My Sister Is A Werewolf yb-4
Page 20
“But I have tasted Jensen’s, and if you taught him what he knows, you’ve got to be quite a chef.”
“Jensen, you got yourself a beauty and a charmer in this one.” Granddad nodded his approval, then directed Elizabeth over to the counter.
Deciding his granddad had just stolen his woman, at least for a while, he settled down at the table to read the newspaper. Which turned out to be impossible. The interaction between his grandfather and Elizabeth was far too entertaining.
“Just break it into here?” Elizabeth held an egg as if she thought it might spontaneously explode in her hand. She waved it gently in the direction of a mixing bowl.
“Yes. Right in there.”
She hesitated, then tapped the shell delicately on the rim. The egg barely cracked. She tapped it again, this time with more force and the egg cracked totally, bits of shell going into the bowl with the yolk and white.
“Oh no,” she said, sounding so endearingly disheartened that Jensen had to smile.
“Not a problem,” Granddad said, his tone kind, just like he’d been with Jensen all through his childhood.
Granddad showed her how to pick out the shells and had her break another egg and another until Elizabeth could crack an egg like a pro.
Elizabeth smiled at Jensen as if she’d conquered the world.
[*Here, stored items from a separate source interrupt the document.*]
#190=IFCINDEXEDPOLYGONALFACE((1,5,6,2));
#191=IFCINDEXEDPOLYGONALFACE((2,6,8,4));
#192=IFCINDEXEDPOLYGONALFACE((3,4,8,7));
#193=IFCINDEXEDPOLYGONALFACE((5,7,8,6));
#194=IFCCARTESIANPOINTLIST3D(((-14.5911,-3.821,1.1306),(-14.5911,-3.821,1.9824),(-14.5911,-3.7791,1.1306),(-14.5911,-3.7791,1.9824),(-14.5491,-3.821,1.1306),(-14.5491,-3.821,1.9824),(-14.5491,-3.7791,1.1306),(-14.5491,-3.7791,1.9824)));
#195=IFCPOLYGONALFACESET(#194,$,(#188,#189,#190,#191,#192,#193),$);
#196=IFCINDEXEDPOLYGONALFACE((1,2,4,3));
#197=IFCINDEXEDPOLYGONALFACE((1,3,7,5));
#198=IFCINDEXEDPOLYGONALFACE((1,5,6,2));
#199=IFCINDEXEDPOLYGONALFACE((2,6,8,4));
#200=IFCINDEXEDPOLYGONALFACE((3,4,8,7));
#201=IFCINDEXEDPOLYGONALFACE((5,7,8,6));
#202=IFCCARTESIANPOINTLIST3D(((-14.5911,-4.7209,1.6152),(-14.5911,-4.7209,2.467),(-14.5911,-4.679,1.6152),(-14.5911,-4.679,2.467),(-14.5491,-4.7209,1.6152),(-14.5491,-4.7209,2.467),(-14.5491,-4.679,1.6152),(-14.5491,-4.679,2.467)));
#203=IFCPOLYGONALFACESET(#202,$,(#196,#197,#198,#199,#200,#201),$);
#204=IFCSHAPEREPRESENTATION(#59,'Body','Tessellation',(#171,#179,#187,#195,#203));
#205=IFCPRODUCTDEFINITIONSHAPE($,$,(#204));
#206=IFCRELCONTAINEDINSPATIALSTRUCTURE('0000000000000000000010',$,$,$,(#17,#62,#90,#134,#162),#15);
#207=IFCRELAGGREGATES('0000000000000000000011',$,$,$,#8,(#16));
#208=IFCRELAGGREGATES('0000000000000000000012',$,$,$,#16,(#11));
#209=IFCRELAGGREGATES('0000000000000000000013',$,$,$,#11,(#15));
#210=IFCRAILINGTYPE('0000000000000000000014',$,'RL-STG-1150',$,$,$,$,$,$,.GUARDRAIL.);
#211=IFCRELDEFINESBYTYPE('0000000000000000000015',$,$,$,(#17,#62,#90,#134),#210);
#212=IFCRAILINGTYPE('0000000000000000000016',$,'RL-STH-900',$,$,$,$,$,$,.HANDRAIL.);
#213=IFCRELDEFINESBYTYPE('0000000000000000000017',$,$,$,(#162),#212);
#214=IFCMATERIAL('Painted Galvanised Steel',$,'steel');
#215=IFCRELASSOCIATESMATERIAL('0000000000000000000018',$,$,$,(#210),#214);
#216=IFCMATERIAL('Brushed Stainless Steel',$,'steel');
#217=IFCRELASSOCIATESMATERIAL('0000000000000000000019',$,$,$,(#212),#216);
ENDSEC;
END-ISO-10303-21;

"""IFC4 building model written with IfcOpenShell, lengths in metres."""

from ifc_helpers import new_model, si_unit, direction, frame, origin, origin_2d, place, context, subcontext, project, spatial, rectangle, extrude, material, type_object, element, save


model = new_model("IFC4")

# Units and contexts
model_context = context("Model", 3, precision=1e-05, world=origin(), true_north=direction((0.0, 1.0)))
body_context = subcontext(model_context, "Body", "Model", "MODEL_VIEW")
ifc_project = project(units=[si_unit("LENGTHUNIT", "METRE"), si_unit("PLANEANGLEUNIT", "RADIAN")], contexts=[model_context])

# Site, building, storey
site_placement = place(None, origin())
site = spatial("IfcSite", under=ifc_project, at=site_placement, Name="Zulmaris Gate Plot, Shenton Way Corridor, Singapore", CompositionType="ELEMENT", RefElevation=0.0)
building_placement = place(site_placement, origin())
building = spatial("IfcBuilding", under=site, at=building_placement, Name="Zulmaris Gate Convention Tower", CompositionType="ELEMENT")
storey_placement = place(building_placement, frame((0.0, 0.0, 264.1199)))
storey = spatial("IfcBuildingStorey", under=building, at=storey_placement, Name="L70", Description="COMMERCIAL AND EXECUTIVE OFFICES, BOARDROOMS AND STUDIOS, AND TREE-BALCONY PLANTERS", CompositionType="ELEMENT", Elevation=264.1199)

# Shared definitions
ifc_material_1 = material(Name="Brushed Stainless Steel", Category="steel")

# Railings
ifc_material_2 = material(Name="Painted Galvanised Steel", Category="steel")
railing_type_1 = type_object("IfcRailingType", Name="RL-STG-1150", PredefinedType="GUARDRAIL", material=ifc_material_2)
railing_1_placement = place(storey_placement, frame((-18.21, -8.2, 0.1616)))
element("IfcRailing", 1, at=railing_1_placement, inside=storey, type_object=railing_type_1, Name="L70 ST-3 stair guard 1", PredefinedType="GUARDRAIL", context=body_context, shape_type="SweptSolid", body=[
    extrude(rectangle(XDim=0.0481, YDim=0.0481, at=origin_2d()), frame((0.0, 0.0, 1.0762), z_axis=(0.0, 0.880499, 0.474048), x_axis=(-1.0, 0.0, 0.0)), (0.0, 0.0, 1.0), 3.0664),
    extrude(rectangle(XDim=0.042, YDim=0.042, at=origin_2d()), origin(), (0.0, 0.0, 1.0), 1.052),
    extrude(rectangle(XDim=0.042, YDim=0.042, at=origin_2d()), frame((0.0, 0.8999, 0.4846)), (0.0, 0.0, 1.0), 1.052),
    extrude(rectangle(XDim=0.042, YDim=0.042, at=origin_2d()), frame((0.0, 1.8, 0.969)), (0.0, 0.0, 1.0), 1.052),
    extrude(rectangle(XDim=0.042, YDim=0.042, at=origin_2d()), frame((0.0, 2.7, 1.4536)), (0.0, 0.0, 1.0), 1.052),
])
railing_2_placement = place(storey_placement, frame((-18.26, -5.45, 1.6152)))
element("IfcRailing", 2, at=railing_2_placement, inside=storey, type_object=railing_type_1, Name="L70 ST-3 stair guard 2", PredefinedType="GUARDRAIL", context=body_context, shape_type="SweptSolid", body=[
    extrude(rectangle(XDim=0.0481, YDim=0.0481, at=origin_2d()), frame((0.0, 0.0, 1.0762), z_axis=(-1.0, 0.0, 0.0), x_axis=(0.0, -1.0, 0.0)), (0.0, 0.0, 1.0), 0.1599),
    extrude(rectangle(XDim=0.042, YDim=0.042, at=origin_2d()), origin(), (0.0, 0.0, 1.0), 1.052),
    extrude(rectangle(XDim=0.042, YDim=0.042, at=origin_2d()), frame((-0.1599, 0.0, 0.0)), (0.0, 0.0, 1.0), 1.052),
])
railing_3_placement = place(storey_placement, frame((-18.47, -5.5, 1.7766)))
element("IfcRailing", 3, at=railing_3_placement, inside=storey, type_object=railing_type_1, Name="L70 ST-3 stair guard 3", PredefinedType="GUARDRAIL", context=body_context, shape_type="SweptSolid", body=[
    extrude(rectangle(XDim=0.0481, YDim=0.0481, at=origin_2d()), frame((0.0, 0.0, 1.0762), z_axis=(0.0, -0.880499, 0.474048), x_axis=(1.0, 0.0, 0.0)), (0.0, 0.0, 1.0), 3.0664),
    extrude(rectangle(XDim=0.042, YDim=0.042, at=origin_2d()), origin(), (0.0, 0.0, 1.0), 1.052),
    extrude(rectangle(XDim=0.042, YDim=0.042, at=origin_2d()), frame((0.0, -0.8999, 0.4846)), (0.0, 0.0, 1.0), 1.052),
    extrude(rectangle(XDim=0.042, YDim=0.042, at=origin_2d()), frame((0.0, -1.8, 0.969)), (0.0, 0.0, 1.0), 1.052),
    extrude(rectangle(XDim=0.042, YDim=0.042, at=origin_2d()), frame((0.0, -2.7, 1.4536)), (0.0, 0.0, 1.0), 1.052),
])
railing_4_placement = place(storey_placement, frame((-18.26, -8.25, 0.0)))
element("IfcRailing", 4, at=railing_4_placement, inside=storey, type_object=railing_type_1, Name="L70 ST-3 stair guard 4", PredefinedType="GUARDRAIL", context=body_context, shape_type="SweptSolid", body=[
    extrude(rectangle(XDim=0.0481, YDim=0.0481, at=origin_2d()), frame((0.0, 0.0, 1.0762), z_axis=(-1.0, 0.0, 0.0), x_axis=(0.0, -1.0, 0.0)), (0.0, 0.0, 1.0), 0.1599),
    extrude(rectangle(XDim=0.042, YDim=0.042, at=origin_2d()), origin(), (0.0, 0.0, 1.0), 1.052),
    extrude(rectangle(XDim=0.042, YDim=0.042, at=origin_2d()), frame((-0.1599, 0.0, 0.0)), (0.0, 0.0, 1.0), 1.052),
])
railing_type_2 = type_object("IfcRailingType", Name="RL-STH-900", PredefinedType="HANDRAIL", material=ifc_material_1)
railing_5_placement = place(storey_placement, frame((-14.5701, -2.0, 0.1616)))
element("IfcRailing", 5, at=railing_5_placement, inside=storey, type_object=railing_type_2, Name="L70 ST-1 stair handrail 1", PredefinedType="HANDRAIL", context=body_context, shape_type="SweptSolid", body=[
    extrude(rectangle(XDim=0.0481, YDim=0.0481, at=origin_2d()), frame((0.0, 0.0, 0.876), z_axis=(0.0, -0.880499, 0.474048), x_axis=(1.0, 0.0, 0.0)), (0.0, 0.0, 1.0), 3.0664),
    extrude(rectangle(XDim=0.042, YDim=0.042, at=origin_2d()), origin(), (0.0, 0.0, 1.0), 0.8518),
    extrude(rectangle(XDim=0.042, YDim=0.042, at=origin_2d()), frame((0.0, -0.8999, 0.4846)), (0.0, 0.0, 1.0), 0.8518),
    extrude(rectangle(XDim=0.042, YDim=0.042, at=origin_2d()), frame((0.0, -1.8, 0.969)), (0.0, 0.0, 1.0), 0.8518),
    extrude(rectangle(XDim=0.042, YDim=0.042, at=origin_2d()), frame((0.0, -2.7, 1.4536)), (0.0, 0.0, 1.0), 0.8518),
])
Jensen couldn’t help but grin back. He suddenly saw her right here every morning. The image should have scared him, but it simply felt-right.
Before long, Elizabeth was serving platters of pancakes and omelets and bacon.
“This looks great. I would say you’re a natural.” Jensen snagged a piece of bacon off the plate.
“Who knew?” she said with another triumphant grin.
She waited until Granddad joined them before she sat down.
Granddad passed Elizabeth the platter of pancakes. “Go ahead-taste how good your cooking is.”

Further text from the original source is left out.